CMC Markets chief market analyst Michael Hewson agrees that there is no certainty that quantitative easing will work.
"While there is no question that this programme appears to have beaten market expectations there remains no guarantee that it will have the required effect in boosting inflation, and encouraging banks to start lending," said CMC Markets chief market analyst Michael Hewson.
However, Berenberg's chief economist Holger Schmieding said the policy will be effective to some extent.
"Monetary policy works through various channels. Most importantly, it shapes expectations. If a central bank credibly signals that it will not permit the economy to fall into recession and deflation, companies feel more confident to invest. I expect to see some such confidence effect, probably more outside Germany than in Germany where the ECB decision is more controversial than anywhere else," Schmieding said.
The euro slumped against other major currencies, hitting an 11-year low against the dollar at USD1.1411, while the pound reached a near seven year high against the euro at EUR1.3213.
In response to the euro's fall, the Danish central bank cut its deposit rate for the second time this week. The certificate of deposit rate was reduced by 0.15 percentage point to negative 0.35%, Danmarks Nationalbank said in a statement. The lending rate remains at 0.05%.
The FTSE 100 closed up 1.0% at 6,791.00, and the FTSE 250 closed up 0.8% at 16,387.33, meaning both indices have closed higher for five consecutive days. However, the AIM All-Share index closed down 0.4% at 696.77.
In Europe, the CAC 40 in Paris closed up 1.7%, and the DAX 30 in Frankfurt ended up 1.4%. When the European markets closed, the DJIA was up 0.8%, while the S&P 500 and the Nasdaq Composite were both up 0.8%.
On the corporate front, RSA Insurance Group, up 3.5% was one of the strongest performers in the FTSE 100 after Credit Suisse raised the insurer to Outperform from Neutral.
Royal Mail, up 3.3%, was also amongst the best-performing big blue-chips. The mail and parcels delivery company said it is confident it will meet its own full-year expectations, after reporting that group revenue was up just 1% in the nine months to December 28, whilst revenue was flat in both its parcels and letters businesses. The slight overall revenue growth marks a deterioration from the position half way through the mail operator's financial year, when revenue growth had stood at 2%, although parcel revenue improved and analysts said the figures met market hopes.

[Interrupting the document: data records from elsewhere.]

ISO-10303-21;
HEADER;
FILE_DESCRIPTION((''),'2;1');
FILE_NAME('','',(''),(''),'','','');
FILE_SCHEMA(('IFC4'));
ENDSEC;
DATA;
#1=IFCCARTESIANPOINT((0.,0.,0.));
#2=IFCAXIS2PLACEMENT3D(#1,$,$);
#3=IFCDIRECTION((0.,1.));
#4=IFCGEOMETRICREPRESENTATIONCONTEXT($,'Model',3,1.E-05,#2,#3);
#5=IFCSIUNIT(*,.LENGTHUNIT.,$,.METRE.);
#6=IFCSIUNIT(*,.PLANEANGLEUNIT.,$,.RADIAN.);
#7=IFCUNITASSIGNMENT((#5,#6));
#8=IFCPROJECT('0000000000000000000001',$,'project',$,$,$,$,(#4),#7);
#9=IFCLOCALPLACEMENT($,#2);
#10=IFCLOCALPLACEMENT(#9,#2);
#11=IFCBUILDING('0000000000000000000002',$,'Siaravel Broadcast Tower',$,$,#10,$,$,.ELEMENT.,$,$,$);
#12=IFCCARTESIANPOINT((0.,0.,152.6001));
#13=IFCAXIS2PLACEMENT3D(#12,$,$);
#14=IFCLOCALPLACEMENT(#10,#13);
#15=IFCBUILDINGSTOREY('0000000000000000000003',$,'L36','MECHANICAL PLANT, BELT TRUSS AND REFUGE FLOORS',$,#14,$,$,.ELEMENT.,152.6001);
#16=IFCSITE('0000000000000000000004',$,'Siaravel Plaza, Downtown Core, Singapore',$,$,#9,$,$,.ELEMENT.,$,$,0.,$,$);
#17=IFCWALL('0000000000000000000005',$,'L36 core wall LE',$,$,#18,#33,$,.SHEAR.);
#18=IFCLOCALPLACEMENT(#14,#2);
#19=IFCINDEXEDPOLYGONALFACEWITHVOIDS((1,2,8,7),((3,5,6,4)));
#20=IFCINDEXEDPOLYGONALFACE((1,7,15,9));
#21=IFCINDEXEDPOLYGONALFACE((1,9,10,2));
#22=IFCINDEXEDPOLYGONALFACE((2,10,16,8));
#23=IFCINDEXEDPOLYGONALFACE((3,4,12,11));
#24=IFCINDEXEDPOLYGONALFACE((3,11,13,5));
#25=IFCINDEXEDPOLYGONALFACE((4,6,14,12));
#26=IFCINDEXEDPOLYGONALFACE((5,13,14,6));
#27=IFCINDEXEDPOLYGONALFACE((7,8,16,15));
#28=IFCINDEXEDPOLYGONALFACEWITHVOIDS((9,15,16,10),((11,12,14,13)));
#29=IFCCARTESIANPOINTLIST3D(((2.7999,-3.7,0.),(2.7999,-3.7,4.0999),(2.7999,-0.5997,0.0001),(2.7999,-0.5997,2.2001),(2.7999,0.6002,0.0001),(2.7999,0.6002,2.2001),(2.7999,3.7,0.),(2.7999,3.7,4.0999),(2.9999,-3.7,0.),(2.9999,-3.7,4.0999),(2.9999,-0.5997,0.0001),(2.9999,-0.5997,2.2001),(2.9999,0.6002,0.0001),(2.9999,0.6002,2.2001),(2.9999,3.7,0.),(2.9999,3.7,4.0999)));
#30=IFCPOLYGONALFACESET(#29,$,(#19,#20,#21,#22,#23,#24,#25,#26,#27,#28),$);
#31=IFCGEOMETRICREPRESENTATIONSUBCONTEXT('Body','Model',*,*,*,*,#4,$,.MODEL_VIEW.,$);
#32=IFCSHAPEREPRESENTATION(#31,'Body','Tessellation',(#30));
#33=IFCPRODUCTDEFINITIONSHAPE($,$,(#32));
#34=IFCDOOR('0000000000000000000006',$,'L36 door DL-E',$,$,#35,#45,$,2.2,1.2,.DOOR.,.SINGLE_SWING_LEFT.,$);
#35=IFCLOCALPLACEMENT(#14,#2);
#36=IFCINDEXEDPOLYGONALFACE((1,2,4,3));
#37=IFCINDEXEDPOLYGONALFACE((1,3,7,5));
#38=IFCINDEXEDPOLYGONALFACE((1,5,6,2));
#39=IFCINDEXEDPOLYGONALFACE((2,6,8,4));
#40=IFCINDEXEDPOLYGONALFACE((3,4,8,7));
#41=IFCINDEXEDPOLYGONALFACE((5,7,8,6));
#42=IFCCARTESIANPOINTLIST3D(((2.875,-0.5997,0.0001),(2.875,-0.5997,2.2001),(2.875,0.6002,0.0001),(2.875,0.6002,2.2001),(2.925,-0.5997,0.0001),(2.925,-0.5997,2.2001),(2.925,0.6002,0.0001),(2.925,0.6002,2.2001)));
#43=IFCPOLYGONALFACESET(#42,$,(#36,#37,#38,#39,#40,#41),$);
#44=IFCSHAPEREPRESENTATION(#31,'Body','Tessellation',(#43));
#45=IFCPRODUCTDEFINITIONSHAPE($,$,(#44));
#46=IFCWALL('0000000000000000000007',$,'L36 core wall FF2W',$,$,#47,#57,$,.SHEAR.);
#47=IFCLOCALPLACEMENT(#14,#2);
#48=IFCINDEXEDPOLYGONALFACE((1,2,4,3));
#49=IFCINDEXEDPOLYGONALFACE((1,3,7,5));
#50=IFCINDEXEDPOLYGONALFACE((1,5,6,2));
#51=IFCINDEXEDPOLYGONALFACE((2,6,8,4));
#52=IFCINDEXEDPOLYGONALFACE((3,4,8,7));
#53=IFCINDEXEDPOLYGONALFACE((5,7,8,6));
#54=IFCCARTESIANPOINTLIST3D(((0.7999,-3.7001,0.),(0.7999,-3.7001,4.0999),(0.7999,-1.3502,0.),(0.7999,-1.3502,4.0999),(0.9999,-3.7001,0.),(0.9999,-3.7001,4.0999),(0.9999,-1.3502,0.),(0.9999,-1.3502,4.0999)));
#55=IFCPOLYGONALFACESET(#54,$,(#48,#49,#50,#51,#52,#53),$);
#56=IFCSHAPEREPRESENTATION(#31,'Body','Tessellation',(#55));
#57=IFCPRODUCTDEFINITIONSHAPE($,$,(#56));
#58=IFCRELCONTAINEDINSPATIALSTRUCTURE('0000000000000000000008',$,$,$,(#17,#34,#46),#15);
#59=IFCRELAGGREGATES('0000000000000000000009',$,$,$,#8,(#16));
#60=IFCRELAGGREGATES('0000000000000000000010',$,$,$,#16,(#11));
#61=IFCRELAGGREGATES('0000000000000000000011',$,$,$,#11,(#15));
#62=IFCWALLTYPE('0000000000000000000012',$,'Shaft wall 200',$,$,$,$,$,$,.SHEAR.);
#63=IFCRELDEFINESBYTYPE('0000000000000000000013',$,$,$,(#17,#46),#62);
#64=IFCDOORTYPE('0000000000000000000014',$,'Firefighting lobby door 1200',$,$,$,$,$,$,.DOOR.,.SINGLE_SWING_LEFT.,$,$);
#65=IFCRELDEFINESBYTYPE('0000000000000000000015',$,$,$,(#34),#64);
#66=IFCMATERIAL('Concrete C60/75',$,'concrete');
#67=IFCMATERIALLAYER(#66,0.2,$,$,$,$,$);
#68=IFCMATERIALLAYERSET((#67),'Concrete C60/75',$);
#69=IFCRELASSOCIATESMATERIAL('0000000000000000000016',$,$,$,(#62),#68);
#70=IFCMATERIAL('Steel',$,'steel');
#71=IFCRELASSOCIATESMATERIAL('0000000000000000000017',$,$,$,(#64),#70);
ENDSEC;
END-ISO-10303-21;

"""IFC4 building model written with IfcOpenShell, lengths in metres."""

from ifc_helpers import new_model, si_unit, direction, frame, frame_2d, origin, place, context, subcontext, project, spatial, rectangle, extrude, material, layer, layer_set, type_object, element, fill, save


model = new_model("IFC4")

# Units and contexts
model_context = context("Model", 3, precision=1e-05, world=origin(), true_north=direction((0.0, 1.0)))
body_context = subcontext(model_context, "Body", "Model", "MODEL_VIEW")
ifc_project = project(units=[si_unit("LENGTHUNIT", "METRE"), si_unit("PLANEANGLEUNIT", "RADIAN")], contexts=[model_context])

# Site, building, storey
site_placement = place(None, origin())
site = spatial("IfcSite", under=ifc_project, at=site_placement, Name="Siaravel Plaza, Downtown Core, Singapore", CompositionType="ELEMENT", RefElevation=0.0)
building_placement = place(site_placement, origin())
building = spatial("IfcBuilding", under=site, at=building_placement, Name="Siaravel Broadcast Tower", CompositionType="ELEMENT")
storey_placement = place(building_placement, frame((0.0, 0.0, 152.6001)))
storey = spatial("IfcBuildingStorey", under=building, at=storey_placement, Name="L36", Description="MECHANICAL PLANT, BELT TRUSS AND REFUGE FLOORS", CompositionType="ELEMENT", Elevation=152.6001)

# Shared definitions
ifc_material_1 = material(Name="Concrete C60/75", Category="concrete")
ifc_layer_1 = layer(ifc_material_1, 0.2)
ifc_layer_set_1 = layer_set([ifc_layer_1], Name="Concrete C60/75")
wall_type_1 = type_object("IfcWallType", Name="Shaft wall 200", PredefinedType="SHEAR", material=ifc_layer_set_1)

# Wall, opening, door
wall_1_placement = place(storey_placement, frame((2.8999, -3.7, 0.0), z_axis=(0.0, 0.0, 1.0), x_axis=(0.0, 1.0, 0.0)))
wall_1 = element("IfcWall", 1, at=wall_1_placement, inside=storey, type_object=wall_type_1, Name="L36 core wall LE", PredefinedType="SHEAR", context=body_context, shape_type="SweptSolid", body=[
    extrude(rectangle(XDim=7.3999, YDim=0.2, at=frame_2d((3.7, 0.0))), origin(), (0.0, 0.0, 1.0), 4.0999),
])
opening_1_placement = place(wall_1_placement, frame((3.1001, 0.0, 0.0)))
opening_1 = element("IfcOpeningElement", 2, at=opening_1_placement, cuts=wall_1, PredefinedType="OPENING", context=body_context, shape_type="SweptSolid", body=[
    extrude(rectangle(XDim=1.2, YDim=2.2, at=frame_2d((0.6001, 1.1001))), frame((0.0, 0.1099, 0.0), z_axis=(0.0, -1.0, 0.0), x_axis=(1.0, 0.0, 0.0)), (0.0, 0.0, 1.0), 0.22),
])
ifc_material_2 = material(Name="Steel", Category="steel")
door_type_1 = type_object("IfcDoorType", Name="Firefighting lobby door 1200", OperationType="SINGLE_SWING_LEFT", PredefinedType="DOOR", material=ifc_material_2)
door_1_placement = place(opening_1_placement, origin())
door_1 = element("IfcDoor", 3, at=door_1_placement, inside=storey, type_object=door_type_1, Name="L36 door DL-E", OperationType="SINGLE_SWING_LEFT", OverallHeight=2.2, OverallWidth=1.2, PredefinedType="DOOR", context=body_context, shape_type="SweptSolid", body=[
    extrude(rectangle(XDim=1.2, YDim=2.2, at=frame_2d((0.6001, 1.1001))), frame((0.0, 0.0249, 0.0), z_axis=(0.0, -1.0, 0.0), x_axis=(1.0, 0.0, 0.0)), (0.0, 0.0, 1.0), 0.05),
])
fill(opening_1, door_1)

# Wall
wall_2_placement = place(storey_placement, frame((0.8999, -3.7, 0.0), z_axis=(0.0, 0.0, 1.0), x_axis=(0.0, 1.0, 0.0)))
element("IfcWall", 4, at=wall_2_placement, inside=storey, type_object=wall_type_1, Name="L36 core wall FF2W", PredefinedType="SHEAR", context=body_context, shape_type="SweptSolid", body=[
    extrude(rectangle(XDim=2.3499, YDim=0.2, at=frame_2d((1.1748, 0.0))), origin(), (0.0, 0.0, 1.0), 4.0999),
])

save(model, "model.ifc")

Oxford Instruments, down 28%, was by far the worst performer in the FTSE 250. The technology tools and systems provider issued a profit warning as its orders were hit by Russian sanctions, it saw weaker trading in its Industrial Analysis business, and the recovery it had forecast for the Japanese market failed to occur. The company now expects to post a pretax profit adjusted for acquisition and related costs of around GBP35 million for the year to end-March, compared to an adjusted pretax profit of GBP47.1 million a year before.
Card Factory was the second-worst performer in the index, falling 6.8%. The cards and gifts retailer is trading lower after its like-for-like sales rose 1.8% in the 11 months to the end of December, compared with a 3.1% increase in like-for-like sales last year. The company said it is trading in line with its expectations for the year on the back of a rise in revenue in the first eleven months.
In the economic calendar Friday, there are Markit Manufacturing purchasing managers' index readings from Germany at 0830 GMT, the eurozone at 0900 GMT and the US at 1445 GMT. There will also be eurozone Markit composite PMI at 0900 GMT, and UK retail sales at 0930 GMT.
In the corporate calendar, merchant banking group Close Brothers Group will release a trading statement and FTSE SmallCap-listed Premier Foods will issue a fourth quarter interim management statement.